# Forum Home Renovation Television, Computers & Phones  Wall mounting TV, trouble finding studs (fibro walls).

## Slapnut

Hey everyone, 
I'm looking at wall mounting a tv to the wall bellow.  
However, I'm having trouble finding studs. I have never wall mounted or ever found any studs before. I have tried two different stud detectors that have both given me completely inconsistent readings or no readings at all, does anyone have advice on how to go about doing this? I'm on the verge of just nailing into the wall and guessing where studs are to try and find them. 
Also on a side note as the house is quite old probably ~1950s and it appears that the wall is fibro (I also don't know what you call the timber cladding? or whatever under the fibro). As such I am going to assume there is a good chance that asbestos may be present, Is drilling, nailing, or attaching a wall mounting for a tv going to pose a health risk?

----------


## Bros

I've had no problems with stud finder. As for the fibro it would have asbestos but no one can tell you for absolute certainty about it being a health hazard to drill a couple of holes (I would expect it would be for 10g screws) as they say there are only two certainties in life. 
Me, I would wet the wall above the hole and catch and discard the shavings.

----------


## droog

> Hey everyone, 
> I'm looking at wall mounting a tv to the wall bellow. 
> However, I'm having trouble finding studs. I have never wall mounted or ever found any studs before. I have tried two different stud detectors that have both given me completely inconsistent readings or no readings at all, does anyone have advice on how to go about doing this? I'm on the verge of just nailing into the wall and guessing where studs are to try and find them. 
> Also on a side note as the house is quite old probably ~1950s and it appears that the wall is fibro (I also don't know what you call the timber cladding? or whatever under the fibro). As such I am going to assume there is a good chance that asbestos may be present, Is drilling, nailing, or attaching a wall mounting for a tv going to pose a health risk?

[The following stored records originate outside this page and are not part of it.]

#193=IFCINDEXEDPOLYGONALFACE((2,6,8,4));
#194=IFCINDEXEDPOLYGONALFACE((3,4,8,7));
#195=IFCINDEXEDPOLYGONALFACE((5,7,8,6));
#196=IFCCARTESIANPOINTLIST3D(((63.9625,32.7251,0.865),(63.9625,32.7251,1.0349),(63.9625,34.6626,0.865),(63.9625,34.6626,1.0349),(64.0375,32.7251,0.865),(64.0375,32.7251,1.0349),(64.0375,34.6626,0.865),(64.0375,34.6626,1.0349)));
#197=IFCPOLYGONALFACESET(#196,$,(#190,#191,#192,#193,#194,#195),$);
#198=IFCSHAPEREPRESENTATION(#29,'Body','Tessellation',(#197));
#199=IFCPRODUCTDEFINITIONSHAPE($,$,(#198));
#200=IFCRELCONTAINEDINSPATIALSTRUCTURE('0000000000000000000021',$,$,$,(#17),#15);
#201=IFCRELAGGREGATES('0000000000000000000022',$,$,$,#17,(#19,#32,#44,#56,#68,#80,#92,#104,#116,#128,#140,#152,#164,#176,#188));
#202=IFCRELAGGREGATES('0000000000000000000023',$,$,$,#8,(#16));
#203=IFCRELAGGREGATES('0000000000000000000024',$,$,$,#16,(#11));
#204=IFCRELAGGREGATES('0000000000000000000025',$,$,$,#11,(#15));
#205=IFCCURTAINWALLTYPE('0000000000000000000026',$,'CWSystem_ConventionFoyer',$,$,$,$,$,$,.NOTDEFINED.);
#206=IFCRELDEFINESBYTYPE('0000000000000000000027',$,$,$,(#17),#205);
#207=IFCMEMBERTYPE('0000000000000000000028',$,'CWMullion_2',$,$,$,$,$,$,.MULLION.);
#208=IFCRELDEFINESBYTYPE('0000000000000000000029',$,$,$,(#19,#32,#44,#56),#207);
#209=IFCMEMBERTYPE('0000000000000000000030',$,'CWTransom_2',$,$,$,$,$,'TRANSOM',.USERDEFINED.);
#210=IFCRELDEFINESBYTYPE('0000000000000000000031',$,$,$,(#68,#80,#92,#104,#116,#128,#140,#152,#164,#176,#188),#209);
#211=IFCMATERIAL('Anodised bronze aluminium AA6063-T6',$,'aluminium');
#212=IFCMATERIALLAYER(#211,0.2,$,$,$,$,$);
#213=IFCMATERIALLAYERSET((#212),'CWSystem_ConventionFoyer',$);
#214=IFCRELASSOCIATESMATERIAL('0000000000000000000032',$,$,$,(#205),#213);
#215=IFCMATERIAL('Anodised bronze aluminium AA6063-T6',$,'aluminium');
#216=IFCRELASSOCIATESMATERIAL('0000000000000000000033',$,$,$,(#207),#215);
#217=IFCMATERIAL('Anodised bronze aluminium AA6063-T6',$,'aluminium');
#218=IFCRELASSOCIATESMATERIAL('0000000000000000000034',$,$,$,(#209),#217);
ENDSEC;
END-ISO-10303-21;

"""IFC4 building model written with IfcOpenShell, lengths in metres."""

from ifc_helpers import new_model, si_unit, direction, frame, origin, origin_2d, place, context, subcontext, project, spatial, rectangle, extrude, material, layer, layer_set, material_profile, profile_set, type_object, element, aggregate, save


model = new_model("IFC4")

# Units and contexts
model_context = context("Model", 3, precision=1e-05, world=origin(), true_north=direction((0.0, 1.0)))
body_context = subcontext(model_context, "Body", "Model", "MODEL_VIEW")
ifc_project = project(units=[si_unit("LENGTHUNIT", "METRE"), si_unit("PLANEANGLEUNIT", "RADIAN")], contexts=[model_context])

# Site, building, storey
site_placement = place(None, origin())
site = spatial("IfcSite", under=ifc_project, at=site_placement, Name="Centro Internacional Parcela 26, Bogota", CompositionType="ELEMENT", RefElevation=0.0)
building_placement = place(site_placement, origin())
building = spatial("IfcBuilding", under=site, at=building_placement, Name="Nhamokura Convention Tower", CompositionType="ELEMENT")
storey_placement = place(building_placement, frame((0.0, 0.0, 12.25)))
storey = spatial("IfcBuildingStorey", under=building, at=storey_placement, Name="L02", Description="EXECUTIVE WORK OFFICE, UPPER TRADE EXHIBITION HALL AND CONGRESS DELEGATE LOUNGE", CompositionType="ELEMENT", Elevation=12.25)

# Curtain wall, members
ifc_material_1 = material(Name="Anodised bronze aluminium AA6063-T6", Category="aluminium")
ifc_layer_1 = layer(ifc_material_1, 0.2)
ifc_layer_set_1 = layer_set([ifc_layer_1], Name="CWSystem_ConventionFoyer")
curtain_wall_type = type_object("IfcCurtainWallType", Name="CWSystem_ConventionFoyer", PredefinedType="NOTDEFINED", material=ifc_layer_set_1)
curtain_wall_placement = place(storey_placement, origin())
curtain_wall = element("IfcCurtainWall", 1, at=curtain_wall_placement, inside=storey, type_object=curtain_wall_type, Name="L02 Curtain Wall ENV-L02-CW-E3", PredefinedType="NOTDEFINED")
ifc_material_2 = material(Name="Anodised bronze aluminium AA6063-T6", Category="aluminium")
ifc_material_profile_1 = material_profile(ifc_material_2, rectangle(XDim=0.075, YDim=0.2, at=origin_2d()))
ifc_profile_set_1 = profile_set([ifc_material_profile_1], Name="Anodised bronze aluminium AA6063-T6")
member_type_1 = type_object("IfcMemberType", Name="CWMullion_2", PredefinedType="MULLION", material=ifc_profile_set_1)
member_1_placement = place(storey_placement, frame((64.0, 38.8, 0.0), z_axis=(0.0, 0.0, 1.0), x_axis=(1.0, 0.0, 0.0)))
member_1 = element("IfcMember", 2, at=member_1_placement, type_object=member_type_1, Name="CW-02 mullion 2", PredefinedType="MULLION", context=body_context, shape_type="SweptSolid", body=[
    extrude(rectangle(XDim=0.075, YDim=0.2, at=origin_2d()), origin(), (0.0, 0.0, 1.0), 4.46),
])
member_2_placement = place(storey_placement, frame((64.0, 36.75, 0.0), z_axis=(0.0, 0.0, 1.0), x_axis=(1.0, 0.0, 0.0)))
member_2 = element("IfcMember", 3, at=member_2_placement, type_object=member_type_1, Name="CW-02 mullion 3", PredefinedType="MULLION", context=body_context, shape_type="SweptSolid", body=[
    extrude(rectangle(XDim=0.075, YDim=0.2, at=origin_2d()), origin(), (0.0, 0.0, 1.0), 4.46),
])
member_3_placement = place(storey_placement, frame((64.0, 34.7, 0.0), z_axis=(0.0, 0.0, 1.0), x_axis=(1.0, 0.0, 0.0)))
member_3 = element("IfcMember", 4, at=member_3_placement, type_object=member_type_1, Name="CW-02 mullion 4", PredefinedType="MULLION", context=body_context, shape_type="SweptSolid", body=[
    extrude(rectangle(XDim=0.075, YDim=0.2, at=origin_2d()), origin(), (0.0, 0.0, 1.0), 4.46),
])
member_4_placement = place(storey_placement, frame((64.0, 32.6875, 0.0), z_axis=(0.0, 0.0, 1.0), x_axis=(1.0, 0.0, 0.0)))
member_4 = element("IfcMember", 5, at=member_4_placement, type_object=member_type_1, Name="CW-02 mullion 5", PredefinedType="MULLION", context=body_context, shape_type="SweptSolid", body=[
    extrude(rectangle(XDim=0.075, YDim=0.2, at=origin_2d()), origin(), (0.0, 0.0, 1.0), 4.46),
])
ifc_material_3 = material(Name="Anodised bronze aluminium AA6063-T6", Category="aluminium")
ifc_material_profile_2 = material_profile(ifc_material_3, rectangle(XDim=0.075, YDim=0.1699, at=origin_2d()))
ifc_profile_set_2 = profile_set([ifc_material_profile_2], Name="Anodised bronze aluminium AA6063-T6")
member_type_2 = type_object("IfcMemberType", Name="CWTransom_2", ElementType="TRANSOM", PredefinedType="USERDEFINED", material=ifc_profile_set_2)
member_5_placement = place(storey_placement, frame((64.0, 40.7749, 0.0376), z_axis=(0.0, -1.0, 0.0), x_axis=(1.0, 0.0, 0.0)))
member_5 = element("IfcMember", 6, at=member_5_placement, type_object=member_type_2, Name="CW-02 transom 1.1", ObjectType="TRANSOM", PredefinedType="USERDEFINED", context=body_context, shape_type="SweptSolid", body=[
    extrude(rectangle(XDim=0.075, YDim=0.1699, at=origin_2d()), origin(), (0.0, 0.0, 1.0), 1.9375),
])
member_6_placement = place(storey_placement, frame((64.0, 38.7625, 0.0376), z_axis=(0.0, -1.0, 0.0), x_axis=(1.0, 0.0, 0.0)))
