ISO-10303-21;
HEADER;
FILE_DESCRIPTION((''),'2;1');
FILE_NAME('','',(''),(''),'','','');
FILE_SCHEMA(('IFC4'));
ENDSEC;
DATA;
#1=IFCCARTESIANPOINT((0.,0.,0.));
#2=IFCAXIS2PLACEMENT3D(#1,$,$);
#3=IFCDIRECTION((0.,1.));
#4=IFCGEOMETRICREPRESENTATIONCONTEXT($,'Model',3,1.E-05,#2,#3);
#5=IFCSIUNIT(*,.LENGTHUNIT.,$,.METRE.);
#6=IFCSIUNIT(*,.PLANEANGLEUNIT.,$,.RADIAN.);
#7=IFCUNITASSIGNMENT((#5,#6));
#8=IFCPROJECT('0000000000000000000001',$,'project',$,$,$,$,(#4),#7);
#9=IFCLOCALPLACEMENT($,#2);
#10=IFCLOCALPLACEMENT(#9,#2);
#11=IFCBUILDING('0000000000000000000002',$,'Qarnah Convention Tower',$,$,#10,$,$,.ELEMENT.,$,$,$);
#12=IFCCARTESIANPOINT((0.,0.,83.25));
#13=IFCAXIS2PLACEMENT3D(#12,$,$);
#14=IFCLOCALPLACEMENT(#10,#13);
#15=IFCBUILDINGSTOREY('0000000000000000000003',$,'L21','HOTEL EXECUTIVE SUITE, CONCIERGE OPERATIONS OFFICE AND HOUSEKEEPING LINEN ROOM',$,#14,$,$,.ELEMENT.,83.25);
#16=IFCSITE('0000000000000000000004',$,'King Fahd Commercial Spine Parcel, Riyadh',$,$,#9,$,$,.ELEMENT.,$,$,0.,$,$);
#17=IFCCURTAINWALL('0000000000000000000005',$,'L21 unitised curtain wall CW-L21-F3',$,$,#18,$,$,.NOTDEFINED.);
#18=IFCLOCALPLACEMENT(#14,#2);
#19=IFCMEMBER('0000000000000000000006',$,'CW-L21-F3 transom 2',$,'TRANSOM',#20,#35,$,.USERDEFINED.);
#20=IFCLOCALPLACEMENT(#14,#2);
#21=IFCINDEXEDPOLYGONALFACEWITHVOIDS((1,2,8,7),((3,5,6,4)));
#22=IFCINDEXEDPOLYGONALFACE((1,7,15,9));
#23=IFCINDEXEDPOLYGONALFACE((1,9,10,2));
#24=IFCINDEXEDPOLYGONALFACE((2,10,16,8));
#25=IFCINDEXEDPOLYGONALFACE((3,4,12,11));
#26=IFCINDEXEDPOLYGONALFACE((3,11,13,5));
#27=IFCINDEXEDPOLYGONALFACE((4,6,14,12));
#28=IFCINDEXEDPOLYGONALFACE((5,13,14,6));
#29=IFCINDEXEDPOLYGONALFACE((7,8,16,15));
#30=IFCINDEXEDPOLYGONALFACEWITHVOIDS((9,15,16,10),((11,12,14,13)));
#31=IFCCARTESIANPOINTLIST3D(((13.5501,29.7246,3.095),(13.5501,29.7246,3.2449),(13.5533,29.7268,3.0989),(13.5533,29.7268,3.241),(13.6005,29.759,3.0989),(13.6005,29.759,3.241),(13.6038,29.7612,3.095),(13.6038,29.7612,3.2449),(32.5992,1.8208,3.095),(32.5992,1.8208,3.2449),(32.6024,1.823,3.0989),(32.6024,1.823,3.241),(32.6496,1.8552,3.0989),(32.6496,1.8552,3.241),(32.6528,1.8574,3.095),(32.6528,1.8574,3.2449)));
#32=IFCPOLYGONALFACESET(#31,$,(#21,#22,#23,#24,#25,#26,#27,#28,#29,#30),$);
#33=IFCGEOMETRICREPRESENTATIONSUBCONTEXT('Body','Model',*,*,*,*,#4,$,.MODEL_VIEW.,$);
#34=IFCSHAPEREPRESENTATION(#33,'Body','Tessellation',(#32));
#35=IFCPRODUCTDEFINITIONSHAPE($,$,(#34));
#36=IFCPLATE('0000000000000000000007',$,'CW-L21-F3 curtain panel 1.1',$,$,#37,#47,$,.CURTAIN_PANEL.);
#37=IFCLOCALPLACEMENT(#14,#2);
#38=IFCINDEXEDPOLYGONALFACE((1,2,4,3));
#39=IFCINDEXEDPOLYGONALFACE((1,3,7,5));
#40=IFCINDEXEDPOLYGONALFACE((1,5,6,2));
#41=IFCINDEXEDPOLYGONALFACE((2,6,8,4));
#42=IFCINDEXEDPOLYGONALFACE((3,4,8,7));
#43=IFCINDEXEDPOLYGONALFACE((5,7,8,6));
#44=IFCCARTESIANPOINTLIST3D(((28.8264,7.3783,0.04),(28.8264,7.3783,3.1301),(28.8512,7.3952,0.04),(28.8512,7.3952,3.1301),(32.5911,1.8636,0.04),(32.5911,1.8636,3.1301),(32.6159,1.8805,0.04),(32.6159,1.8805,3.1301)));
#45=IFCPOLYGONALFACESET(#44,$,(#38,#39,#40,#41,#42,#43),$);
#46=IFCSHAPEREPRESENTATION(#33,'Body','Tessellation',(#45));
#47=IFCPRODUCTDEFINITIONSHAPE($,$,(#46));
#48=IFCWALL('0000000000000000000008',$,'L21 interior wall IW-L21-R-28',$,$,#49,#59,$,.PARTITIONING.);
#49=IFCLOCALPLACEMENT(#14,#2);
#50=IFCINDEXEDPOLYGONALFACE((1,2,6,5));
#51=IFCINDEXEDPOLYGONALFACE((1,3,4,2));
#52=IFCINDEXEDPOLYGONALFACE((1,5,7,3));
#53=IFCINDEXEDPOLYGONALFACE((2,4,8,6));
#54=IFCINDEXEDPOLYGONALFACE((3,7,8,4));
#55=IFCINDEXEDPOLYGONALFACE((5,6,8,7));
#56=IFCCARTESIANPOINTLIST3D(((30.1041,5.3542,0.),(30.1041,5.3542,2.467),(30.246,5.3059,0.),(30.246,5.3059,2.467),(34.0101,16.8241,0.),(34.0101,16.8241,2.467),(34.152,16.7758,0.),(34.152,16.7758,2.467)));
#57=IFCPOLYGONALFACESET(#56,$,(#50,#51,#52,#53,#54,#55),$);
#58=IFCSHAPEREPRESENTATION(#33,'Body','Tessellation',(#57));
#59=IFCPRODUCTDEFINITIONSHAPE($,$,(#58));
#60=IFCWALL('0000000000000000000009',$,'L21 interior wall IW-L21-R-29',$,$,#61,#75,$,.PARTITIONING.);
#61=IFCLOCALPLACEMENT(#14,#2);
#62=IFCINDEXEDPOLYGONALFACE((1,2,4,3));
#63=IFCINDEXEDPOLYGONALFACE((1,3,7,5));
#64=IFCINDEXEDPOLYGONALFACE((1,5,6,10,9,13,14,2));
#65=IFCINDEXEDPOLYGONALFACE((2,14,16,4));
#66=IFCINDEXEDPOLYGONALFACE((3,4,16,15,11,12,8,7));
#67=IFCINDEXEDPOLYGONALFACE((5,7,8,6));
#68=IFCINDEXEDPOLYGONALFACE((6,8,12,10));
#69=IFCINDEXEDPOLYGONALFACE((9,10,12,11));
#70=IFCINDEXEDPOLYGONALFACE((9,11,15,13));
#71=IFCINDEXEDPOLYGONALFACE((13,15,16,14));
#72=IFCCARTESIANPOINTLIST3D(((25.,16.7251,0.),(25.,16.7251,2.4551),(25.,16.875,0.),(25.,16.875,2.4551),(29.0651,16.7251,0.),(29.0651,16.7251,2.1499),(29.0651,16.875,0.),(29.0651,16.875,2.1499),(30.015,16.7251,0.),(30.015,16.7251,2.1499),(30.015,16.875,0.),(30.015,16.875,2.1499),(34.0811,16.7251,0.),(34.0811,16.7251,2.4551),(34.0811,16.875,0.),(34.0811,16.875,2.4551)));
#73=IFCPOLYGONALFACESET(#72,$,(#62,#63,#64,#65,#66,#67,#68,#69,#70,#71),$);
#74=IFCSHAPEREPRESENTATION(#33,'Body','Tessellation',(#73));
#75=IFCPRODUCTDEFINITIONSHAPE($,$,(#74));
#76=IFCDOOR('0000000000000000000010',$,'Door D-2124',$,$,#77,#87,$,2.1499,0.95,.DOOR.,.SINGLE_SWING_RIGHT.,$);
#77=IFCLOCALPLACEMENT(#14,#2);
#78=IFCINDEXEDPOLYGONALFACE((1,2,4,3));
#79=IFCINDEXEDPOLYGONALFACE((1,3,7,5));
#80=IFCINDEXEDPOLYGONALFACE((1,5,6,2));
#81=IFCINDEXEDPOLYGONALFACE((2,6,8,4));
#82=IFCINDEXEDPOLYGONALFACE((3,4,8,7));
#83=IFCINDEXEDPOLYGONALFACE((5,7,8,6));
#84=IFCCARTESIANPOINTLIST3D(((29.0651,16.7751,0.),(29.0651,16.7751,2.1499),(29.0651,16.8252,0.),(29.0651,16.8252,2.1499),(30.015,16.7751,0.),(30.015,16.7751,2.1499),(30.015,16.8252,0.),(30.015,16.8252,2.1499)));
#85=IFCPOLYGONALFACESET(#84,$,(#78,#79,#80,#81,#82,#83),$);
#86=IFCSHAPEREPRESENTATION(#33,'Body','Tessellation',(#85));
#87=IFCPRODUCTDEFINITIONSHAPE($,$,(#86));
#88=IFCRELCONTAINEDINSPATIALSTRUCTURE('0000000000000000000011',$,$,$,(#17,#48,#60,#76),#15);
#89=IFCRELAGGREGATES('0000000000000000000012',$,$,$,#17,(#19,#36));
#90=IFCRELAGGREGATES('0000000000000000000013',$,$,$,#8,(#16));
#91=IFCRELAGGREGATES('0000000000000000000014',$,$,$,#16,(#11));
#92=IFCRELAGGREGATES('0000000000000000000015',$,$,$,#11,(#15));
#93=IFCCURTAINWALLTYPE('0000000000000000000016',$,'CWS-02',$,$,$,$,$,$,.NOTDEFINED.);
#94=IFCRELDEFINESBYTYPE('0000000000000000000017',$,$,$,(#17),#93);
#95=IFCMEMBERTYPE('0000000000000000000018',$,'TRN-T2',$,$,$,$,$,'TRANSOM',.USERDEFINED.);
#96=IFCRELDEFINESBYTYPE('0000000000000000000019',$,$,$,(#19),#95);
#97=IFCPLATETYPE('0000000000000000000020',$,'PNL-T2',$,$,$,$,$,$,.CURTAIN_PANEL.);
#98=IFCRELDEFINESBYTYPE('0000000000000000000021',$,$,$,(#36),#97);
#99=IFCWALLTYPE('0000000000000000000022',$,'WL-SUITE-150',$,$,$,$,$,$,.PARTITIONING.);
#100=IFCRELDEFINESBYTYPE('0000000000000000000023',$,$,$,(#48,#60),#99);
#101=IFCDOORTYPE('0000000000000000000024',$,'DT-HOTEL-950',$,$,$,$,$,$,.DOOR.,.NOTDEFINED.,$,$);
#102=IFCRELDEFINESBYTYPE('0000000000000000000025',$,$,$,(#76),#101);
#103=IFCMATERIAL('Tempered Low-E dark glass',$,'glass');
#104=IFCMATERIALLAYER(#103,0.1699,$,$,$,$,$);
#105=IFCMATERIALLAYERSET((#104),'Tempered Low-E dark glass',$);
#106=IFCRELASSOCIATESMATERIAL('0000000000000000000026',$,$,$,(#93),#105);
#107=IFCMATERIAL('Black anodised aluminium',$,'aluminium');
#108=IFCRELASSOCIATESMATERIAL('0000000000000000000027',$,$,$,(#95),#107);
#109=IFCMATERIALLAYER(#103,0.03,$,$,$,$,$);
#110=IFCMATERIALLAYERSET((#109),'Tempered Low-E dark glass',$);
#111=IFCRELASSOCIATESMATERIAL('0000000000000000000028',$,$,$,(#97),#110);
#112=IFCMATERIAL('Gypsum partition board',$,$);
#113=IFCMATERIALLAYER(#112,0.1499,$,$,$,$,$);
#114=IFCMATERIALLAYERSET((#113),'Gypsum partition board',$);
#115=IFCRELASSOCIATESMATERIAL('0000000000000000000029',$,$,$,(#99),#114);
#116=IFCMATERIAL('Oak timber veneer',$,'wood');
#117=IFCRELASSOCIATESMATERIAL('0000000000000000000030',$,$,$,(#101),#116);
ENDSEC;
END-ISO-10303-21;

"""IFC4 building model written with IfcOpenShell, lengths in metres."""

from ifc_helpers import new_model, si_unit, direction, frame, frame_2d, origin, origin_2d, place, context, subcontext, project, spatial, rectangle, hollow_rectangle, extrude, material, layer, layer_set, material_profile, profile_set, type_object, element, fill, aggregate, save


model = new_model("IFC4")

# Units and contexts
model_context = context("Model", 3, precision=1e-05, world=origin(), true_north=direction((0.0, 1.0)))
body_context = subcontext(model_context, "Body", "Model", "MODEL_VIEW")
ifc_project = project(units=[si_unit("LENGTHUNIT", "METRE"), si_unit("PLANEANGLEUNIT", "RADIAN")], contexts=[model_context])

# Site, building, storey
site_placement = place(None, origin())
site = spatial("IfcSite", under=ifc_project, at=site_placement, Name="King Fahd Commercial Spine Parcel, Riyadh", CompositionType="ELEMENT", RefElevation=0.0)
building_placement = place(site_placement, origin())
building = spatial("IfcBuilding", under=site, at=building_placement, Name="Qarnah Convention Tower", CompositionType="ELEMENT")
storey_placement = place(building_placement, frame((0.0, 0.0, 83.25)))
storey = spatial("IfcBuildingStorey", under=building, at=storey_placement, Name="L21", Description="HOTEL EXECUTIVE SUITE, CONCIERGE OPERATIONS OFFICE AND HOUSEKEEPING LINEN ROOM", CompositionType="ELEMENT", Elevation=83.25)

# Curtain wall
ifc_material_1 = material(Name="Tempered Low-E dark glass", Category="glass")
ifc_layer_1 = layer(ifc_material_1, 0.1699)
ifc_layer_set_1 = layer_set([ifc_layer_1], Name="Tempered Low-E dark glass")
curtain_wall_type = type_object("IfcCurtainWallType", Name="CWS-02", PredefinedType="NOTDEFINED", material=ifc_layer_set_1)
curtain_wall_1_placement = place(storey_placement, origin())
curtain_wall_1 = element("IfcCurtainWall", 1, at=curtain_wall_1_placement, inside=storey, type_object=curtain_wall_type, Name="L21 unitised curtain wall CW-L21-F3", PredefinedType="NOTDEFINED")
ifc_material_2 = material(Name="Black anodised aluminium", Category="aluminium")

# Member
ifc_material_profile_1 = material_profile(ifc_material_2, hollow_rectangle(XDim=0.0649, YDim=0.1499, WallThickness=0.0039, at=origin_2d()), Name="TRN-65X150")
ifc_profile_set_1 = profile_set([ifc_material_profile_1], Name="Black anodised aluminium")
member_type_1 = type_object("IfcMemberType", Name="TRN-T2", ElementType="TRANSOM", PredefinedType="USERDEFINED", material=ifc_profile_set_1)
member_1_placement = place(storey_placement, frame((32.626, 1.8391, 3.1699), z_axis=(-0.563817, 0.8259, 0.0), x_axis=(-0.8259, -0.563817, 0.0)))
member_1 = element("IfcMember", 2, at=member_1_placement, type_object=member_type_1, Name="CW-L21-F3 transom 2", ObjectType="TRANSOM", PredefinedType="USERDEFINED", context=body_context, shape_type="SweptSolid", body=[
    extrude(hollow_rectangle(XDim=0.0649, YDim=0.1499, WallThickness=0.0039, at=origin_2d()), origin(), (0.0, 0.0, 1.0), 33.7859),
])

  Are you tried using the stud finder above the VJ panelling ? 
You may also be able to pick up a row of nails in the panel above with glancing light.

----------


## r3nov8or

How heavy is the TV? Newer ones are generally much lighter than the early flat screens. A bunch of toggle screws will hold it up, and it's easy to test by hanging weights before you hang the TV. Whether you should drill this stuff, no one here can say...

----------


## METRIX

A good place to start is that beading above the VJ, there should be a stud behind that, then every 450 or 600 from either side there will be another one. 
You can run a magnet over the flat sheeting to find the nails holding it up, each nail will be in a stud.
I assume you are not going to conceal the wiring inside the cavity ?, as you would need to open up some bigger holes to do that. 
Depending on what TV you are hanging, really depends on the types of fixings you need to hold it up, the studs will most likely be hardwood looking at the age of the place, so some decent steel fixings are the go, with pre-drill so you don't snap the fixings.. 
A few large wafer head batten screws will suffice, as the heads are flat, I think Bunnings do them in 75mm, these screws are good as they have a flat head so the head also acts as a large washer the bracket will run over two studs so 4 fixings should do what you need.

----------


## joynz

Yes, disturbing asbestos is going to pose a health risk.   
Get it tested.   
And if it’s asbestos, I suggest you don’t wall mount the TV.

----------


## toooldforthis

> A good place to start is that beading above the VJ, there should be a stud behind that, then every 450 or 600 from either side there will .... [snip]

   :Iagree:  
you should be able to tap on the fibro/asbestos - studs will feel solid, no stud will be drummy.
as others said drill asbestos with precautions.

----------


## UseByDate

I have no experience of house building in Australia in the 1950s but I suspect that stud spacing would not have been in mm (metric). The normal stud spacing for Imperial units is either 16 inches or 24 inches.

----------


## r3nov8or

I've not found any hits suggesting that VJ panelling contained asbestos, only timber (natural or Masonite).  
Anyone?

----------


## toooldforthis

> I've not found any hits suggesting that VJ panelling contained asbestos, only timber (natural or Masonite).  
> Anyone?

  I just assumed he wanted to mount the TV above the dado since mounting it there wouldn't be an issue.
but assume does things to one. 
we can just talk amongst ourselves til s/he returns, or not.

----------


## METRIX

> I just assumed he wanted to mount the TV above the dado since mounting it there wouldn't be an issue.
> but assume does things to one. 
> we can just talk amongst ourselves til s/he returns, or not.

  
Mounting it above the dado would be way too high for a wall mounted TV, normally the centre of the screen is at eye level when sitting, otherwise you will end up with a sore neck.

----------


## r3nov8or

> Mounting it above the dado would be way too high for a wall mounted TV, normally the centre of the screen is at eye level when sitting, otherwise you will end up with a sore neck.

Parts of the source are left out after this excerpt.